Out of the Shadow Library: Fair Use and AI Training Data
Since the launch of the first Large Language Models (LLMs), a wave of copyright litigation has been initiated by authors, musicians, and news organizations alleging that their works were misappropriated to build today’s most powerful generative AI tools. In response, AI companies have asserted that such use is non-infringing fair use.
These lawsuits target a spectrum of alleged copyright infringement. Some lawsuits focus solely on the unauthorized use of works as training inputs, while others focus on the model’s ability to generate allegedly infringing outputs. Many premise liability on both behaviors.

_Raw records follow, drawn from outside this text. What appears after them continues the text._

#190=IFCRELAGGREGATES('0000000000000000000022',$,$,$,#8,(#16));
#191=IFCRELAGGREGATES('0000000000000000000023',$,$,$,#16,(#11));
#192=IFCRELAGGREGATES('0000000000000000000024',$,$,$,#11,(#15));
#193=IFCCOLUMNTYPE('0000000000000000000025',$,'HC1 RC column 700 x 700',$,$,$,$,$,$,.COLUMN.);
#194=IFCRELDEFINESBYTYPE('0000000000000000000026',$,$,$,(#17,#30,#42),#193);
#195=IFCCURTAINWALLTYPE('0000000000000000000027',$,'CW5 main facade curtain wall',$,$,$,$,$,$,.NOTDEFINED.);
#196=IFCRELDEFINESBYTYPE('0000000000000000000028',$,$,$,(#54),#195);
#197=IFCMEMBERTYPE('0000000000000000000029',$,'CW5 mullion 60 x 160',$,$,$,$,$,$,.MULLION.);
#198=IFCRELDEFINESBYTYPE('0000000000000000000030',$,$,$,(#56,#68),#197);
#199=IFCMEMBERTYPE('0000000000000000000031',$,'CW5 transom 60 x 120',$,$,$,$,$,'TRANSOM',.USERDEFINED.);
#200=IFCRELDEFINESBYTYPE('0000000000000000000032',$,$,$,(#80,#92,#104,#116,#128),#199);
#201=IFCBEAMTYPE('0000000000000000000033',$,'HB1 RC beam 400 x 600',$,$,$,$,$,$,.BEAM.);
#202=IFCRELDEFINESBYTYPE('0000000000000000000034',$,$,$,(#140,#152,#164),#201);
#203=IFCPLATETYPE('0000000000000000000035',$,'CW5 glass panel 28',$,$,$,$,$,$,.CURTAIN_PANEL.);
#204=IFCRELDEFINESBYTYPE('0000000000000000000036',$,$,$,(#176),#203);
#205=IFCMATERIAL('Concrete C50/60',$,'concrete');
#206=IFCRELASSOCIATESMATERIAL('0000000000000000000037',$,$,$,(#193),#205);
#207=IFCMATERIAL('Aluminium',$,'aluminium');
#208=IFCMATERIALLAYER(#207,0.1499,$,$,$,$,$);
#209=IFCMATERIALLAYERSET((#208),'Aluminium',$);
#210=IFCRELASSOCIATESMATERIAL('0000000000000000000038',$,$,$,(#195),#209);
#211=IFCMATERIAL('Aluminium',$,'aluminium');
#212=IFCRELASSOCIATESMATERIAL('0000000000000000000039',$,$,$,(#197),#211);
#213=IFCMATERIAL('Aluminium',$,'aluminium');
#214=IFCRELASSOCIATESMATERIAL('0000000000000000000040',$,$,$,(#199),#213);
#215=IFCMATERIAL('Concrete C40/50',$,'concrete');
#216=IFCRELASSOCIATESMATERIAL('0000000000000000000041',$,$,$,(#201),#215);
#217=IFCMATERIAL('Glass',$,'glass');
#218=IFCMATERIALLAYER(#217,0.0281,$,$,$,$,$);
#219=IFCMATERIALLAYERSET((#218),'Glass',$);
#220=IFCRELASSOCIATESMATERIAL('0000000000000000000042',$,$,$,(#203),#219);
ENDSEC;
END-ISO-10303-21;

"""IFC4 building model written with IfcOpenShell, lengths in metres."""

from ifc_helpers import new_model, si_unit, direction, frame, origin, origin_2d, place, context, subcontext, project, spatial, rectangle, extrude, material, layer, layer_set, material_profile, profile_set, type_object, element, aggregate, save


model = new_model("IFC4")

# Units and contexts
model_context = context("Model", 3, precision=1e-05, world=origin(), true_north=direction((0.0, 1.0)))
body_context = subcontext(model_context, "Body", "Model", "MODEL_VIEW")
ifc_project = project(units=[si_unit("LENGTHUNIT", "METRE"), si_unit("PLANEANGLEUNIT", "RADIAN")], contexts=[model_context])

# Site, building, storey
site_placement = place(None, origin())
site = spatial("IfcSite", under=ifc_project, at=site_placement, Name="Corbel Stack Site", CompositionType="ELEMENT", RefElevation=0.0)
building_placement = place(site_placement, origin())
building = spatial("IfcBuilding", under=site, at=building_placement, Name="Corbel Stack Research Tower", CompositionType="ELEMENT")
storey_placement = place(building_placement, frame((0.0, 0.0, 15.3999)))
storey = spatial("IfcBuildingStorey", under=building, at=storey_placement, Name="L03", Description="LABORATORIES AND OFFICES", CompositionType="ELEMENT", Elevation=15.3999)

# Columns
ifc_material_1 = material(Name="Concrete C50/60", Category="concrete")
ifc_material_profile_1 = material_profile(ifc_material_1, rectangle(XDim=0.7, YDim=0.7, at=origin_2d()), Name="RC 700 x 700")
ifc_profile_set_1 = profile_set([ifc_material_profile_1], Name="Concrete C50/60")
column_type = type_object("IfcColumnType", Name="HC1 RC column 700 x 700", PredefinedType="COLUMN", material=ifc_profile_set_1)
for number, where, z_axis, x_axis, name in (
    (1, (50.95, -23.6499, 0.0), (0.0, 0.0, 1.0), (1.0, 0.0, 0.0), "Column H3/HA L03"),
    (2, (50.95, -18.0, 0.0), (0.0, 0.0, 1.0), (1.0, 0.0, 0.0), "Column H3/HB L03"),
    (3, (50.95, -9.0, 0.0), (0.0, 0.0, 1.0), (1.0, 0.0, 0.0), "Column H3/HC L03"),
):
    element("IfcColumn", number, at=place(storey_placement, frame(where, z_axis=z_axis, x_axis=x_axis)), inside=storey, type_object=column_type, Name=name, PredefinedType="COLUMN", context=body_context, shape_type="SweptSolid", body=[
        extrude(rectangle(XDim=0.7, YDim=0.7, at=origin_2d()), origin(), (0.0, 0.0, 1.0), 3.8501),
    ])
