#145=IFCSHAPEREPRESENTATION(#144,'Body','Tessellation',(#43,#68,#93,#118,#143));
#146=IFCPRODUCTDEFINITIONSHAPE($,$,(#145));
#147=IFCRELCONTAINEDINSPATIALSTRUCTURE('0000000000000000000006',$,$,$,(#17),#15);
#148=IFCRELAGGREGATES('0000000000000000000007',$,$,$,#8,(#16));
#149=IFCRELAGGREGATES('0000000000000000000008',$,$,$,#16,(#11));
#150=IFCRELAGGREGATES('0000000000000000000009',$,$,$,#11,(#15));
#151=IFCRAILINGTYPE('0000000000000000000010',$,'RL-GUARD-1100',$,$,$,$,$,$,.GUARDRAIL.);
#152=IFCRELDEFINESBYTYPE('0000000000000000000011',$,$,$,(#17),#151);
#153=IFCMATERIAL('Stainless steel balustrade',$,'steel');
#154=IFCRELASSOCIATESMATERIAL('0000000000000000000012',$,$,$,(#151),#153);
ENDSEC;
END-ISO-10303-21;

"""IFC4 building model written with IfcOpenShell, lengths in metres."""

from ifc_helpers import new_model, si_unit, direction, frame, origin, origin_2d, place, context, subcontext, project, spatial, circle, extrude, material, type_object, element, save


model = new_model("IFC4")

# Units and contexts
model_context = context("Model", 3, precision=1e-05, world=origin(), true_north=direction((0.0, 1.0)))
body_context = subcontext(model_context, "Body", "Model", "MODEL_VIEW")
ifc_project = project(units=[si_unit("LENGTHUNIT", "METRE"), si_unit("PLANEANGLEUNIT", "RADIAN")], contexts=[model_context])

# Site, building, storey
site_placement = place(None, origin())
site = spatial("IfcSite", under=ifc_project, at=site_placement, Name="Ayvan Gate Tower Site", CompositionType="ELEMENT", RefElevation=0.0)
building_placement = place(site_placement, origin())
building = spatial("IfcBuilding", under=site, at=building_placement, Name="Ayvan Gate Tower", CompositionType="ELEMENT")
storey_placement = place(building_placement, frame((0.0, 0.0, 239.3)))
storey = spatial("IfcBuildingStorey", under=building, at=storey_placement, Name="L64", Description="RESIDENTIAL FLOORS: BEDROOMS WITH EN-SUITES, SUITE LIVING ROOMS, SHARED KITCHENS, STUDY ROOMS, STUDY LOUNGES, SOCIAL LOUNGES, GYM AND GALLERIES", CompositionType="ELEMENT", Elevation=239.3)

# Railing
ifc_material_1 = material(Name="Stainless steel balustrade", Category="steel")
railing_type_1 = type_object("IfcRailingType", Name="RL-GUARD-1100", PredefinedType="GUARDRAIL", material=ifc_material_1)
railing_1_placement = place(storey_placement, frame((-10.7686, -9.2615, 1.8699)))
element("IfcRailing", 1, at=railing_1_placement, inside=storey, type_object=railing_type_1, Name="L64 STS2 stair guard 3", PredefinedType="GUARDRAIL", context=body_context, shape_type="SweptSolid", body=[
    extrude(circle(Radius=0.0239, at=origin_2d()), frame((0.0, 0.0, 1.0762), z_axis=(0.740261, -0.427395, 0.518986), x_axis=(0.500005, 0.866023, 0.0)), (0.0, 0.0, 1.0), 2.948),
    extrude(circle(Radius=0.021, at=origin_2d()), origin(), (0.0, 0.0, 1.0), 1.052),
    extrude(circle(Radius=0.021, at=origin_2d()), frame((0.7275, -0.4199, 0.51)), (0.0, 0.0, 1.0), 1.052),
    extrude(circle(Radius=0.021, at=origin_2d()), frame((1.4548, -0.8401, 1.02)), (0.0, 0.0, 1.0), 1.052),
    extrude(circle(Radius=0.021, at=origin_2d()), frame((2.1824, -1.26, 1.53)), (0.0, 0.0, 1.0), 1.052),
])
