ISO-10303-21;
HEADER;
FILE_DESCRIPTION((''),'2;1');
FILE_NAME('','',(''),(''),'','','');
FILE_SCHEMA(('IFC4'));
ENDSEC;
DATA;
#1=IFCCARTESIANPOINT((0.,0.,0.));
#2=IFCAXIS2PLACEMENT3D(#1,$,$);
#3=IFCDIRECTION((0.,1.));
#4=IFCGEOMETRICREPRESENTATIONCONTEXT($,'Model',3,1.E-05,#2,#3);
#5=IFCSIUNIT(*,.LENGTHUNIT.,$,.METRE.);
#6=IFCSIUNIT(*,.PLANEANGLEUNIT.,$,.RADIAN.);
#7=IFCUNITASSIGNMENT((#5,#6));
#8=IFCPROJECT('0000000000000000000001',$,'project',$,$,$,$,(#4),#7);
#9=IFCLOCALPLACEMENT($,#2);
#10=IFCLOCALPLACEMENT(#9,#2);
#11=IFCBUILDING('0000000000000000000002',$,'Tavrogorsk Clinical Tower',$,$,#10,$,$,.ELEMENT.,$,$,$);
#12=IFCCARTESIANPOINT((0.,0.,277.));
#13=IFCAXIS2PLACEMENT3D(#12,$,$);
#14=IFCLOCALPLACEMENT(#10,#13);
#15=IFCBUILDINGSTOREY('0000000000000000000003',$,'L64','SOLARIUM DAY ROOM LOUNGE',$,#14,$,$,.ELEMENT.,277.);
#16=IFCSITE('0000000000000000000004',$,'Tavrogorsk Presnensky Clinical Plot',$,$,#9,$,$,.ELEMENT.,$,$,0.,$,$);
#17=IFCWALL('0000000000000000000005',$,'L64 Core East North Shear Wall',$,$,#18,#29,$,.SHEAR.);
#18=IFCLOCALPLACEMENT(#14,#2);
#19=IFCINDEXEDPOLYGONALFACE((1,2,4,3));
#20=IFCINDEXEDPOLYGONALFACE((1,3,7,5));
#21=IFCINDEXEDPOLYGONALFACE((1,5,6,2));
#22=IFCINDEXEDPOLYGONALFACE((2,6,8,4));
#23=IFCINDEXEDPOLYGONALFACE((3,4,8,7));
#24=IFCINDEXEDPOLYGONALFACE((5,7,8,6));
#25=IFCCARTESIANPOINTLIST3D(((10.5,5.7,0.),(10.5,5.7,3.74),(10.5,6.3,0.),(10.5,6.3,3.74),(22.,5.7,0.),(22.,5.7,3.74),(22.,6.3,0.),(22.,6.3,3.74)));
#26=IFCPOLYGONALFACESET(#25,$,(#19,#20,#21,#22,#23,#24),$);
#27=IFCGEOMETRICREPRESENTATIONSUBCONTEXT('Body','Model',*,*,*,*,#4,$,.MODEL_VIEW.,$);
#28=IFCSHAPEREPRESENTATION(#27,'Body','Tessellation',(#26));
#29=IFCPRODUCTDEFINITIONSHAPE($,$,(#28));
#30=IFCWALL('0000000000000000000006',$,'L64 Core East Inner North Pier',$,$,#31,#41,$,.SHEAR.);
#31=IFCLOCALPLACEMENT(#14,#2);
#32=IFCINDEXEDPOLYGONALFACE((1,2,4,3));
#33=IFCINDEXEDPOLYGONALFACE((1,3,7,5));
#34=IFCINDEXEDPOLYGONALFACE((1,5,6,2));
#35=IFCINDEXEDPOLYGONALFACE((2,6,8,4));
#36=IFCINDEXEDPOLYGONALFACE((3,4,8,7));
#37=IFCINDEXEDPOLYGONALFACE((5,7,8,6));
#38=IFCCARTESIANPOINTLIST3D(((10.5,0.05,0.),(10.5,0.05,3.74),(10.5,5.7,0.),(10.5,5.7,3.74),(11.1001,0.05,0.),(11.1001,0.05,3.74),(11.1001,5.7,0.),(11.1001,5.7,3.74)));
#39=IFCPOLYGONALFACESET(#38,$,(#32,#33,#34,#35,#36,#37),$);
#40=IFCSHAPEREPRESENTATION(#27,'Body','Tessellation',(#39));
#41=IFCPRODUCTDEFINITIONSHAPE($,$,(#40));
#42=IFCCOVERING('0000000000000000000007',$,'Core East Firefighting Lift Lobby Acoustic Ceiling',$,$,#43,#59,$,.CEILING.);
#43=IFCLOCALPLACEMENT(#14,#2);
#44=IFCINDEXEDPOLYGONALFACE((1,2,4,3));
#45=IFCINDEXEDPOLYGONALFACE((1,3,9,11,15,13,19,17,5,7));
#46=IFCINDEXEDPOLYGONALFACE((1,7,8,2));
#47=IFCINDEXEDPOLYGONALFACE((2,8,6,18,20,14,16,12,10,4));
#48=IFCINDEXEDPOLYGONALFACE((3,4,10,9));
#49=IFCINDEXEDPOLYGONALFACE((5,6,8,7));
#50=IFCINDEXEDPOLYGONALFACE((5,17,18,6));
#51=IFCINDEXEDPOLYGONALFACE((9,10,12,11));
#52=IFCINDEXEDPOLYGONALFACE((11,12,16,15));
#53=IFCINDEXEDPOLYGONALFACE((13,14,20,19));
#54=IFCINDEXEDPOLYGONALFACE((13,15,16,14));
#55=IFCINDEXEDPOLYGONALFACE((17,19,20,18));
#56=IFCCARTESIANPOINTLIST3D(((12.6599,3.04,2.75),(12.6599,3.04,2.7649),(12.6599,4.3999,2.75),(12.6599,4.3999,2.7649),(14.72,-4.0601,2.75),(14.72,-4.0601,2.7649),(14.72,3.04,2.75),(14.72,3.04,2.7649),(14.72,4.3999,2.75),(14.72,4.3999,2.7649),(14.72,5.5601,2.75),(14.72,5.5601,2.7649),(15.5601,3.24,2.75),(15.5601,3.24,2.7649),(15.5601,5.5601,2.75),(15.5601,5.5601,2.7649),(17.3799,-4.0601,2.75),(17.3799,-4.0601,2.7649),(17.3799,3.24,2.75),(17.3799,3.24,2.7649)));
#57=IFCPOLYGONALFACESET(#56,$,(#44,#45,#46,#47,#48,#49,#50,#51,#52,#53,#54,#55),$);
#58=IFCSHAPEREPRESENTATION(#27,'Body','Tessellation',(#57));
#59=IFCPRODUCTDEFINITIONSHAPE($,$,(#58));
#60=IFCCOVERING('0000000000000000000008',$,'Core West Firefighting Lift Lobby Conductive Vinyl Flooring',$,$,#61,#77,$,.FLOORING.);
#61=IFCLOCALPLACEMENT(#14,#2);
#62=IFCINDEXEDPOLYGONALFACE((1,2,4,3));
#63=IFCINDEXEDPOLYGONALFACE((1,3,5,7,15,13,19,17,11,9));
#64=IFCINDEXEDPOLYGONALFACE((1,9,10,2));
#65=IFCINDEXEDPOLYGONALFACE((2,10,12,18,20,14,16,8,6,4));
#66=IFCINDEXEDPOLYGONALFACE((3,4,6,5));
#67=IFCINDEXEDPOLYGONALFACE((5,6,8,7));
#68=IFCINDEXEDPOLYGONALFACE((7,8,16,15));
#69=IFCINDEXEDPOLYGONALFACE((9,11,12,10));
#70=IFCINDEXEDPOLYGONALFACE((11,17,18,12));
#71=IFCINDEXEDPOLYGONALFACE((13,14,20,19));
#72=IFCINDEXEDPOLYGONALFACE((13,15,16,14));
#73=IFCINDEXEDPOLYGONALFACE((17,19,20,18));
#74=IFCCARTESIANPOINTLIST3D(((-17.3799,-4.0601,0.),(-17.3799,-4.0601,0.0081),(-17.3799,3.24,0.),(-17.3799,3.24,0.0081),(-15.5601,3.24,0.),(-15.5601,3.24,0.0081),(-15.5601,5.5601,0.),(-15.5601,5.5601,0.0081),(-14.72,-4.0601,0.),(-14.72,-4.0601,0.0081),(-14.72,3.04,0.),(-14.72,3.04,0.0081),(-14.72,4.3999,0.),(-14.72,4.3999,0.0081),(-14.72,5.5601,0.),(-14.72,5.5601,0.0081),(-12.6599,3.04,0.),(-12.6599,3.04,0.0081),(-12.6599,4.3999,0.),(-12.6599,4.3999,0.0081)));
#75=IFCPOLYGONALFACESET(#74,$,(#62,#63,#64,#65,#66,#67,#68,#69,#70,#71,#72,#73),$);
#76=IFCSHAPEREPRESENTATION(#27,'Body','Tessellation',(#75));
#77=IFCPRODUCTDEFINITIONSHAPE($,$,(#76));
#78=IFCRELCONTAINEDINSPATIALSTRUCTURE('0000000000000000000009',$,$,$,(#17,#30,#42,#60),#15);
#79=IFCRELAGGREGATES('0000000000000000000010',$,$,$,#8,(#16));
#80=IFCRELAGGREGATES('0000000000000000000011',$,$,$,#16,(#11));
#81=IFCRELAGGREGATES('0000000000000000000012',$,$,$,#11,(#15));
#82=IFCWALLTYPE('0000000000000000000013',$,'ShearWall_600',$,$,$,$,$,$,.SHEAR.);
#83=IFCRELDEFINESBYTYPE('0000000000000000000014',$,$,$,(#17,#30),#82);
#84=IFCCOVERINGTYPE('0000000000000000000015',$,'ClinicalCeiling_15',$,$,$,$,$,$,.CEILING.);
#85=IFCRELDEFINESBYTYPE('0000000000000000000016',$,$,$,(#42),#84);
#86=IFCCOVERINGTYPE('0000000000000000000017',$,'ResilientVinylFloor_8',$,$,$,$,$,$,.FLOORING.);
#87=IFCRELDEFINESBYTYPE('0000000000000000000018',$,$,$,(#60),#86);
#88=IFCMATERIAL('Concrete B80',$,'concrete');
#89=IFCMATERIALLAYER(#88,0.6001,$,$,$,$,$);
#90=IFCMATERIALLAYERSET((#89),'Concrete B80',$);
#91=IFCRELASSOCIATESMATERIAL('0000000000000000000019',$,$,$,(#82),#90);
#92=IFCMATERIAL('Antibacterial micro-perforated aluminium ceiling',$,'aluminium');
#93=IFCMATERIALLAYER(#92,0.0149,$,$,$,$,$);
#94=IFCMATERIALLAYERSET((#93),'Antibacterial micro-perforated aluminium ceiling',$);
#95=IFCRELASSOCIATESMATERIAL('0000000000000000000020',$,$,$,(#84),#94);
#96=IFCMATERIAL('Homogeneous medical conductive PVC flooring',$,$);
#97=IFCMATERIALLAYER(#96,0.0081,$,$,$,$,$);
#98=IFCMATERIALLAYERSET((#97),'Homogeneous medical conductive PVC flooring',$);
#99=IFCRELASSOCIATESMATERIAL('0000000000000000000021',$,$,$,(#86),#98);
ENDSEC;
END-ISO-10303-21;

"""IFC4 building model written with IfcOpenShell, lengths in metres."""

from ifc_helpers import new_model, si_unit, direction, frame, frame_2d, origin, place, context, subcontext, project, spatial, polyline, rectangle, outline, extrude, material, layer, layer_set, type_object, element, save


model = new_model("IFC4")

# Units and contexts
model_context = context("Model", 3, precision=1e-05, world=origin(), true_north=direction((0.0, 1.0)))
body_context = subcontext(model_context, "Body", "Model", "MODEL_VIEW")
ifc_project = project(units=[si_unit("LENGTHUNIT", "METRE"), si_unit("PLANEANGLEUNIT", "RADIAN")], contexts=[model_context])

# Site, building, storey
site_placement = place(None, origin())
site = spatial("IfcSite", under=ifc_project, at=site_placement, Name="Tavrogorsk Presnensky Clinical Plot", CompositionType="ELEMENT", RefElevation=0.0)
building_placement = place(site_placement, origin())
building = spatial("IfcBuilding", under=site, at=building_placement, Name="Tavrogorsk Clinical Tower", CompositionType="ELEMENT")
storey_placement = place(building_placement, frame((0.0, 0.0, 277.0)))
storey = spatial("IfcBuildingStorey", under=building, at=storey_placement, Name="L64", Description="SOLARIUM DAY ROOM LOUNGE", CompositionType="ELEMENT", Elevation=277.0)

# Walls
ifc_material_1 = material(Name="Concrete B80", Category="concrete")
ifc_layer_1 = layer(ifc_material_1, 0.6001)
ifc_layer_set_1 = layer_set([ifc_layer_1], Name="Concrete B80")
wall_type_1 = type_object("IfcWallType", Name="ShearWall_600", PredefinedType="SHEAR", material=ifc_layer_set_1)
wall_1_placement = place(storey_placement, frame((10.5, 6.0, 0.0), z_axis=(0.0, 0.0, 1.0), x_axis=(1.0, 0.0, 0.0)))
element("IfcWall", 1, at=wall_1_placement, inside=storey, type_object=wall_type_1, Name="L64 Core East North Shear Wall", PredefinedType="SHEAR", context=body_context, shape_type="SweptSolid", body=[
    extrude(rectangle(XDim=11.5, YDim=0.6001, at=frame_2d((5.75, 0.0))), origin(), (0.0, 0.0, 1.0), 3.74),
])
wall_2_placement = place(storey_placement, frame((10.8, 0.05, 0.0), z_axis=(0.0, 0.0, 1.0), x_axis=(0.0, 1.0, 0.0)))
element("IfcWall", 2, at=wall_2_placement, inside=storey, type_object=wall_type_1, Name="L64 Core East Inner North Pier", PredefinedType="SHEAR", context=body_context, shape_type="SweptSolid", body=[
    extrude(rectangle(XDim=5.6499, YDim=0.6001, at=frame_2d((2.825, 0.0))), origin(), (0.0, 0.0, 1.0), 3.74),
])

# Coverings
ifc_material_2 = material(Name="Antibacterial micro-perforated aluminium ceiling", Category="aluminium")
ifc_layer_2 = layer(ifc_material_2, 0.0149)
ifc_layer_set_2 = layer_set([ifc_layer_2], Name="Antibacterial micro-perforated aluminium ceiling")
covering_type_1 = type_object("IfcCoveringType", Name="ClinicalCeiling_15", PredefinedType="CEILING", material=ifc_layer_set_2)
covering_1_placement = place(storey_placement, frame((0.0, 0.0, 2.75)))
element("IfcCovering", 3, at=covering_1_placement, inside=storey, type_object=covering_type_1, Name="Core East Firefighting Lift Lobby Acoustic Ceiling", PredefinedType="CEILING", context=body_context, shape_type="SweptSolid", body=[
    extrude(outline(polyline([(14.72, 3.04), (12.6599, 3.04), (12.6599, 4.3999), (14.72, 4.3999), (14.72, 5.5601), (15.5601, 5.5601), (15.5601, 3.24), (17.3799, 3.24), (17.3799, -4.0601), (14.72, -4.0601), (14.72, 3.04)])), origin(), (0.0, 0.0, 1.0), 0.0149),
])
ifc_material_3 = material(Name="Homogeneous medical conductive PVC flooring")
ifc_layer_3 = layer(ifc_material_3, 0.0081)
ifc_layer_set_3 = layer_set([ifc_layer_3], Name="Homogeneous medical conductive PVC flooring")
covering_type_2 = type_object("IfcCoveringType", Name="ResilientVinylFloor_8", PredefinedType="FLOORING", material=ifc_layer_set_3)
covering_2_placement = place(storey_placement, origin())
element("IfcCovering", 4, at=covering_2_placement, inside=storey, type_object=covering_type_2, Name="Core West Firefighting Lift Lobby Conductive Vinyl Flooring", PredefinedType="FLOORING", context=body_context, shape_type="SweptSolid", body=[
    extrude(outline(polyline([(-17.3799, -4.0601), (-17.3799, 3.24), (-15.5601, 3.24), (-15.5601, 5.5601), (-14.72, 5.5601), (-14.72, 4.3999), (-12.6599, 4.3999), (-12.6599, 3.04), (-14.72, 3.04), (-14.72, -4.0601), (-17.3799, -4.0601)])), origin(), (0.0, 0.0, 1.0), 0.0081),
])

save(model, "model.ifc")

Judicial Perspectives on Fair Use
In 2025, two rulings offered the first judicial perspectives on one end of this spectrum: whether unauthorized use of copyrighted works as training "inputs" constitutes fair use. While the outcomes of these cases have been widely reported — both rulings suggest training generative AI models on copyrighted works may be fair use — the legal landscape is far from definitive. Fair use remains a famously fact-specific inquiry, and these holdings do not broadly shield users of third-party content from liability for unlawful data acquisition or retention.
Understanding Fair Use
To prove infringement, a plaintiff must show a defendant used a copyrighted work in violation of one of the exclusive rights granted to a copyright owner: the rights to reproduce, distribute, perform, display, or adapt an original work without authorization. However, not every unauthorized use results in liability. Copyright protection incorporates certain limitations — including fair use — designed to balance creative incentives with the public interest.
Courts analyze fair use by assessing and balancing four statutory factors:
- the purpose and character of the use,
- the nature of the original work,
- the amount and substantiality of the portion used, and
- market effects.
No single factor is determinative, but courts often focus their analysis on two factors: the purpose and character of the use (including whether the use is “transformative”) and its effect on the potential market.
Case Studies: Bartz v. Anthropic and Kadrey v. Meta
In Bartz v. Anthropic and Kadrey v. Meta, both plaintiffs were groups of authors who alleged that the unauthorized use of their literary works as "inputs" to train AI models constituted copyright infringement. The question was not whether AI companies’ use of the plaintiffs’ works for AI training was authorized, but whether the unauthorized use was a fair use under the Copyright Act.
Bartz v. Anthropic
In Bartz v. Anthropic, the court found Anthropic’s use of copyrighted works to train an AI model to be fair use, at least when the works were lawfully sourced. The court separated its fair use analysis between the act of training and Anthropic’s retention of data.
Regarding the act of training the model, the court found the first and fourth factors favored fair use because creating the model was "quintessentially transformative" and did not produce infringing substitutes. The third factor also favored fair use because the amount copied was “especially reasonable” for the purpose of using high-quality writing to train an LLM. While the second factor favored the plaintiffs, the court determined it was not dispositive considering the model’s transformative purpose.
However, regarding the act of retaining unlawfully obtained copies, the court found “every factor pointed against fair use.” The court explained the piracy of otherwise available copies is “inherently, irredeemably infringing,” even if the copies are immediately used or discarded. The court cautioned that while the training process is transformative and may be protected, the acquisition of materials used to facilitate AI training is not.
Kadrey v. Meta
In Kadrey v. Meta, the court similarly found the unauthorized reproduction of copyrighted works to train an AI model to be fair use. Although Meta, like Anthropic, downloaded and reproduced pirated sources for portions of its training data, the court reached a different conclusion about the relevance of data acquisition in its fair use analysis.
Even with the use of training data from so-called "shadow libraries," the court found the first factor weighed in favor of fair use. The court acknowledged that Meta’s use of shadow libraries was relevant to the first factor, but ultimately found this factor favored Meta because the downloading was considered an integral step toward the ultimate transformative goal. The second factor favored the plaintiffs, but the court found the third factor favored Meta because copying the entirety of the works was reasonably necessary to achieve the transformative purpose of training the model.
Critically, the court leaned heavily on the fourth factor, finding that it favored Meta due to the plaintiffs’ perceived failure to provide evidence that Meta’s model harmed the market for the plaintiffs’ works.
Conclusion: Implications of Recent Rulings
These two decisions suggest a trend toward finding the use of copyrighted works as training inputs to a generative AI model to be fair use. However, both rulings clarify that this protection is not absolute. The overall specter of copyright liability remains for the acquisition of data used to train AI.
As the legal landscape continues to shift, myriad avenues for liability remain, particularly depending on how AI training data is obtained, retained, and used in generating outputs.